Le texte le plus ancien semble être celui de Baker, H. D. et Dardeau, W. intitulé « Flore d’Haïti » paru en 1930 sous le patronage du Service technique du département de l’Agriculture et de l’Enseignement professionnel. À cette époque, il semble que l’État était beaucoup plus intéressé par cette problématique. Il ne reste qu’à approfondir ces travaux en établissant la preuve scientifique de l’efficacité des recettes traditionnelles et de proposer la posologie appropriée pour chacune des recettes. On compte déjà au ministère de la Santé publique et de la Population (MSPP) une Direction de la pharmacie, du médicament et de la médecine traditionnelle (DPM/MT). Malheureusement cette dernière composante y est très peu développée.
La médecine traditionnelle prend de plus en plus d’ampleur à travers le monde. Elle est très évoluée à Cuba, en Chine, au Japon et dans plein d’autres pays. Dans les pays développés, elle gagne du terrain.
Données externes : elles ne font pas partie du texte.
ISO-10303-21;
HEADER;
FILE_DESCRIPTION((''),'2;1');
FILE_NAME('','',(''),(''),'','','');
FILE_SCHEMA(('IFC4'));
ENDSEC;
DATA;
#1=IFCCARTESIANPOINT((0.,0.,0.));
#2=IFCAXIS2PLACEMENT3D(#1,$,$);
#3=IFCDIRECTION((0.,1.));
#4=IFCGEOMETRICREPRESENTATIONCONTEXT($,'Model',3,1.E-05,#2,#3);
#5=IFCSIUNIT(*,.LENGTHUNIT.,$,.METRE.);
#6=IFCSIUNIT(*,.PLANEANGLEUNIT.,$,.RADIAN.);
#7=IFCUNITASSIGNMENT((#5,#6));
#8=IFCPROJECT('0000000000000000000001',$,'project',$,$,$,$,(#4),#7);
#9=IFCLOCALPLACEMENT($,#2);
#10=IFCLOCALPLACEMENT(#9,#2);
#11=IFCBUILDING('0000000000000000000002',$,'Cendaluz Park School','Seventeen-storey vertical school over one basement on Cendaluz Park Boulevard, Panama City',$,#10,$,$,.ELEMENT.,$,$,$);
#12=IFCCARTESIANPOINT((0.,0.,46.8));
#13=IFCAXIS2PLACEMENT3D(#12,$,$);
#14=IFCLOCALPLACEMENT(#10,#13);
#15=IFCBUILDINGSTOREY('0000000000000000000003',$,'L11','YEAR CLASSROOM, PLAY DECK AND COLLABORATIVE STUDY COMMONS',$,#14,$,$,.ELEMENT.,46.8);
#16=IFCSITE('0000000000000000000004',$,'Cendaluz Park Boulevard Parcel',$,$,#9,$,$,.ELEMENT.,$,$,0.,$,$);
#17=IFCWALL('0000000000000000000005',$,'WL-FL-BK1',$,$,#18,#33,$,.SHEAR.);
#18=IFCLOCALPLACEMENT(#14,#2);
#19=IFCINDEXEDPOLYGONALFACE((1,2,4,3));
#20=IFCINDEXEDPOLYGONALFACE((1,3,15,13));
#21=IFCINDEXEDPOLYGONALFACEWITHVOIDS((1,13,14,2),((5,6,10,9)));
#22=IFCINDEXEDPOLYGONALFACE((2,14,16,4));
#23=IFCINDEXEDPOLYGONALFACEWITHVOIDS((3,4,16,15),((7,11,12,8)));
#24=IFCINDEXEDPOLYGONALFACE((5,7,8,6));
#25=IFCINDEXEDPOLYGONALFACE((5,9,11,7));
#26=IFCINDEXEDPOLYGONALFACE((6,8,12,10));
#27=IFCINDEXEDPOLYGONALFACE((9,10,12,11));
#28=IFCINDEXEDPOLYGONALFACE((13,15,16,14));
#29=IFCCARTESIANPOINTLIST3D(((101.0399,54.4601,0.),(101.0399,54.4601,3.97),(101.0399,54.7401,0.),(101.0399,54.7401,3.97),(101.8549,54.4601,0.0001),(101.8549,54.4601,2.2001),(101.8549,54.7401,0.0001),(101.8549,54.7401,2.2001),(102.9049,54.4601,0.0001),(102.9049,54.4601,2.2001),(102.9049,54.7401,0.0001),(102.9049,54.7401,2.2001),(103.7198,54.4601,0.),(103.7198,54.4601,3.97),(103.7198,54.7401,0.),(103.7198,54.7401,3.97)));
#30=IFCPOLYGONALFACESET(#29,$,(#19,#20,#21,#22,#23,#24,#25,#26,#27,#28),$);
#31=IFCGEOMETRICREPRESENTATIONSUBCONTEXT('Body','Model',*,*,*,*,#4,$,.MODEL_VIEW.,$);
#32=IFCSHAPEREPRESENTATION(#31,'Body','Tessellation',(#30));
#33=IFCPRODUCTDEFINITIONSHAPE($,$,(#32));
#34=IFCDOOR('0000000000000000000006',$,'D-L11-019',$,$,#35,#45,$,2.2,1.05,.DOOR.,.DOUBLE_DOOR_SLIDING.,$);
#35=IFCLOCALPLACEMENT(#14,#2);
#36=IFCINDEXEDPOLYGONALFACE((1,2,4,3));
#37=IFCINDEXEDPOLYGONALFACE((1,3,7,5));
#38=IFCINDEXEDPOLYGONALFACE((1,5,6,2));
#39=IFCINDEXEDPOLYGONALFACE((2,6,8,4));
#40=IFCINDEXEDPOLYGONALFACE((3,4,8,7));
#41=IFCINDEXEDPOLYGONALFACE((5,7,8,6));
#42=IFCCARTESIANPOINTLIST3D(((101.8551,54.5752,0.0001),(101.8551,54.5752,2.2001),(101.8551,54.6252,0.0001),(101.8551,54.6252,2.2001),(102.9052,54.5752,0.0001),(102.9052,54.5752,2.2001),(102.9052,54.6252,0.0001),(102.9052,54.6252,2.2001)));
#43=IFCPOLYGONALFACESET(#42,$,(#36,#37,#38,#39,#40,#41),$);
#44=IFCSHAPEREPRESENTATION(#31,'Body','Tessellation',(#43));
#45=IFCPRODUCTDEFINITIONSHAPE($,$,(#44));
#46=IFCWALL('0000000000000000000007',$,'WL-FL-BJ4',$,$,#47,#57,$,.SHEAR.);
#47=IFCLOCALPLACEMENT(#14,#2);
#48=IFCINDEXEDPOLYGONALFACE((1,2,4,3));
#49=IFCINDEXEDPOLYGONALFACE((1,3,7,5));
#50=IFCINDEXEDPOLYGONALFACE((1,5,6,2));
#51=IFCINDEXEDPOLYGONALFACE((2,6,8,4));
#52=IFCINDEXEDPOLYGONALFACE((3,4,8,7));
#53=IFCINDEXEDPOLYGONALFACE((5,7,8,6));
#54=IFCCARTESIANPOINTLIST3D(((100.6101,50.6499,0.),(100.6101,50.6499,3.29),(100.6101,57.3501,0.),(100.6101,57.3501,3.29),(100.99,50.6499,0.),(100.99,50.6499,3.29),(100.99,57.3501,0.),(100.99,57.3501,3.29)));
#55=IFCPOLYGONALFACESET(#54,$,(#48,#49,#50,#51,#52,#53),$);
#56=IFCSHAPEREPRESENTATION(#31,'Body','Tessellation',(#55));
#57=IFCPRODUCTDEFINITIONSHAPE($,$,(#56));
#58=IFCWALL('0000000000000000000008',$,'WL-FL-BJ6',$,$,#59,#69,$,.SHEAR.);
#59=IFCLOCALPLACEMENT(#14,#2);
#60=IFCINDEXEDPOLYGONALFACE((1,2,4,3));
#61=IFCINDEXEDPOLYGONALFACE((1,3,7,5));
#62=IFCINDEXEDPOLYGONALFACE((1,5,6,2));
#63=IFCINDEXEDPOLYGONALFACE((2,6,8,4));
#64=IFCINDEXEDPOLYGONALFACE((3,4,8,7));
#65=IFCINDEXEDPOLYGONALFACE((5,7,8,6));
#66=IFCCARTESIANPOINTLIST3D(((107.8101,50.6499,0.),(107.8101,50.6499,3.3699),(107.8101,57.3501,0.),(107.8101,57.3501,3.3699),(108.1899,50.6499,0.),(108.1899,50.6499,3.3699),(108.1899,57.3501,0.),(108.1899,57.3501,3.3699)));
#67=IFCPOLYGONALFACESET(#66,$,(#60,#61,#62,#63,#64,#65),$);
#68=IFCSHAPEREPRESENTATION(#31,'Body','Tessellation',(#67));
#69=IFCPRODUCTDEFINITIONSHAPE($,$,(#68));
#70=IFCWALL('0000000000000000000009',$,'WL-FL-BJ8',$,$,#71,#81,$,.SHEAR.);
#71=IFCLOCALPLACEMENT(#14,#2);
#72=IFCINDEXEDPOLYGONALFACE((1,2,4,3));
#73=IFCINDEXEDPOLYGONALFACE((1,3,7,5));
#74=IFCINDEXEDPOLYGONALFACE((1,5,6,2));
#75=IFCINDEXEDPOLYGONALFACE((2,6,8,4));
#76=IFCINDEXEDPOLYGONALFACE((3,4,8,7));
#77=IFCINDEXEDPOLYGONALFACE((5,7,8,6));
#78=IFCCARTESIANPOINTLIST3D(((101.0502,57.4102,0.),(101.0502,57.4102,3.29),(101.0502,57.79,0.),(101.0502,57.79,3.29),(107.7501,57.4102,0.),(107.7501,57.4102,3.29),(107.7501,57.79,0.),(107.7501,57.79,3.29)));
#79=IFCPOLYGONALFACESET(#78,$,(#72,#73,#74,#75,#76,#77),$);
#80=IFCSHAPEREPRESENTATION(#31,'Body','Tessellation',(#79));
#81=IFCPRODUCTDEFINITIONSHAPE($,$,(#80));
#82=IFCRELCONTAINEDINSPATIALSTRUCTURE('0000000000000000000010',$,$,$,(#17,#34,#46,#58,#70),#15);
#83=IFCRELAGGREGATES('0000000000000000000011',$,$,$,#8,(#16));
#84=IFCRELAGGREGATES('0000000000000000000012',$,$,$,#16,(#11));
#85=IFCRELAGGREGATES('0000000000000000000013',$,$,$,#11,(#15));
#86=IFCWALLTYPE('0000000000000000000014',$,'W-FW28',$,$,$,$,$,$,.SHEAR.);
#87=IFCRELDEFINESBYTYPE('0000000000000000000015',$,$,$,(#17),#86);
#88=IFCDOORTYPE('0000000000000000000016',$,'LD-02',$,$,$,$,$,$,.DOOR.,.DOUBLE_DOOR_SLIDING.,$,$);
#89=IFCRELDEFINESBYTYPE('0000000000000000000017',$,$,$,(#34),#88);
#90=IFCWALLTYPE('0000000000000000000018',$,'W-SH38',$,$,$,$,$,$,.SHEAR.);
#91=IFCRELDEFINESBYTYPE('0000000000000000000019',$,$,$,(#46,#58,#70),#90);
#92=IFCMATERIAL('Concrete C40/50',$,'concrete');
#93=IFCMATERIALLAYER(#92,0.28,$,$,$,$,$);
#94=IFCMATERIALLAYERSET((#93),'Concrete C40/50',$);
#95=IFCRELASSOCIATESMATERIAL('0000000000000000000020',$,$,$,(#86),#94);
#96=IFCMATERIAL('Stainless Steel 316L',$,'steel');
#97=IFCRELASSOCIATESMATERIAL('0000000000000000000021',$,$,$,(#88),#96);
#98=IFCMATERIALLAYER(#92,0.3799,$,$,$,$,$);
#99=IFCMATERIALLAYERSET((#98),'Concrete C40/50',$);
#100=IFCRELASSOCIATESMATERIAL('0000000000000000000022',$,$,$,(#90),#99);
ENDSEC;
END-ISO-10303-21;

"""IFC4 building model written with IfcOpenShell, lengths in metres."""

from ifc_helpers import new_model, si_unit, direction, frame, frame_2d, origin, place, context, subcontext, project, spatial, rectangle, extrude, material, layer, layer_set, type_object, element, fill, save


model = new_model("IFC4")

# Units and contexts
model_context = context("Model", 3, precision=1e-05, world=origin(), true_north=direction((0.0, 1.0)))
body_context = subcontext(model_context, "Body", "Model", "MODEL_VIEW")
ifc_project = project(units=[si_unit("LENGTHUNIT", "METRE"), si_unit("PLANEANGLEUNIT", "RADIAN")], contexts=[model_context])

# Site, building, storey
site_placement = place(None, origin())
site = spatial("IfcSite", under=ifc_project, at=site_placement, Name="Cendaluz Park Boulevard Parcel", CompositionType="ELEMENT", RefElevation=0.0)
building_placement = place(site_placement, origin())
building = spatial("IfcBuilding", under=site, at=building_placement, Name="Cendaluz Park School", Description="Seventeen-storey vertical school over one basement on Cendaluz Park Boulevard, Panama City", CompositionType="ELEMENT")
storey_placement = place(building_placement, frame((0.0, 0.0, 46.8)))
storey = spatial("IfcBuildingStorey", under=building, at=storey_placement, Name="L11", Description="YEAR CLASSROOM, PLAY DECK AND COLLABORATIVE STUDY COMMONS", CompositionType="ELEMENT", Elevation=46.8)

# Shared definitions
ifc_material_1 = material(Name="Concrete C40/50", Category="concrete")
ifc_layer_1 = layer(ifc_material_1, 0.28)
ifc_layer_set_1 = layer_set([ifc_layer_1], Name="Concrete C40/50")
wall_type_1 = type_object("IfcWallType", Name="W-FW28", PredefinedType="SHEAR", material=ifc_layer_set_1)

# Wall, opening, door
wall_1_placement = place(storey_placement, frame((101.04, 54.6001, 0.0), z_axis=(0.0, 0.0, 1.0), x_axis=(1.0, 0.0, 0.0)))
wall_1 = element("IfcWall", 1, at=wall_1_placement, inside=storey, type_object=wall_type_1, Name="WL-FL-BK1", PredefinedType="SHEAR", context=body_context, shape_type="SweptSolid", body=[
    extrude(rectangle(XDim=2.6799, YDim=0.28, at=frame_2d((1.3398, 0.0))), origin(), (0.0, 0.0, 1.0), 3.97),
])
opening_1_placement = place(wall_1_placement, frame((0.8149, 0.0, 0.0)))
opening_1 = element("IfcOpeningElement", 2, at=opening_1_placement, cuts=wall_1, PredefinedType="OPENING", context=body_context, shape_type="SweptSolid", body=[
    extrude(rectangle(XDim=1.05, YDim=2.2, at=frame_2d((0.5249, 1.1001))), frame((0.0, 0.1521, 0.0), z_axis=(0.0, -1.0, 0.0), x_axis=(1.0, 0.0, 0.0)), (0.0, 0.0, 1.0), 0.304),
])
ifc_material_2 = material(Name="Stainless Steel 316L", Category="steel")
door_type_1 = type_object("IfcDoorType", Name="LD-02", OperationType="DOUBLE_DOOR_SLIDING", PredefinedType="DOOR", material=ifc_material_2)
door_1_placement = place(opening_1_placement, frame((1.05, 0.0, 0.0), z_axis=(0.0, 0.0, 1.0), x_axis=(-1.0, 0.0, 0.0)))
door_1 = element("IfcDoor", 3, at=door_1_placement, inside=storey, type_object=door_type_1, Name="D-L11-019", OperationType="DOUBLE_DOOR_SLIDING", OverallHeight=2.2, OverallWidth=1.05, PredefinedType="DOOR", context=body_context, shape_type="SweptSolid", body=[
    extrude(rectangle(XDim=1.05, YDim=2.2, at=frame_2d((0.5249, 1.1001))), frame((0.0, 0.0249, 0.0), z_axis=(0.0, -1.0, 0.0), x_axis=(1.0, 0.0, 0.0)), (0.0, 0.0, 1.0), 0.05),
])
fill(opening_1, door_1)

# Walls
ifc_layer_2 = layer(ifc_material_1, 0.3799)
ifc_layer_set_2 = layer_set([ifc_layer_2], Name="Concrete C40/50")
wall_type_2 = type_object("IfcWallType", Name="W-SH38", PredefinedType="SHEAR", material=ifc_layer_set_2)
wall_2_placement = place(storey_placement, frame((100.8, 50.6499, 0.0), z_axis=(0.0, 0.0, 1.0), x_axis=(0.0, 1.0, 0.0)))
element("IfcWall", 4, at=wall_2_placement, inside=storey, type_object=wall_type_2, Name="WL-FL-BJ4", PredefinedType="SHEAR", context=body_context, shape_type="SweptSolid", body=[
    extrude(rectangle(XDim=6.7002, YDim=0.3799, at=frame_2d((3.3501, 0.0))), origin(), (0.0, 0.0, 1.0), 3.29),
])
wall_3_placement = place(storey_placement, frame((108.0, 50.6499, 0.0), z_axis=(0.0, 0.0, 1.0), x_axis=(0.0, 1.0, 0.0)))
element("IfcWall", 5, at=wall_3_placement, inside=storey, type_object=wall_type_2, Name="WL-FL-BJ6", PredefinedType="SHEAR", context=body_context, shape_type="SweptSolid", body=[
    extrude(rectangle(XDim=6.7002, YDim=0.3799, at=frame_2d((3.3501, 0.0))), origin(), (0.0, 0.0, 1.0), 3.3699),
])
wall_4_placement = place(storey_placement, frame((101.05, 57.6001, 0.0), z_axis=(0.0, 0.0, 1.0), x_axis=(1.0, 0.0, 0.0)))
element("IfcWall", 6, at=wall_4_placement, inside=storey, type_object=wall_type_2, Name="WL-FL-BJ8", PredefinedType="SHEAR", context=body_context, shape_type="SweptSolid", body=[
    extrude(rectangle(XDim=6.7, YDim=0.3799, at=frame_2d((3.3501, 0.0))), origin(), (0.0, 0.0, 1.0), 3.29),
])

save(model, "model.ifc")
Au Canada, à Montréal par exemple, il existe des magasins spécialisés où l’on peut consulter un spécialiste de plantes médicinales. À l’achat, il vous recommandera le dosage approprié. Il s’agit là d’une fenêtre d’opportunités qui pourraient s’offrir en Haïti. Le pays pourrait offrir des traitements à base de plantes à différentes maladies chroniques au reste du monde. Il pourrait se faire une renommée internationale dans ce domaine avec des retombées économiques significatives.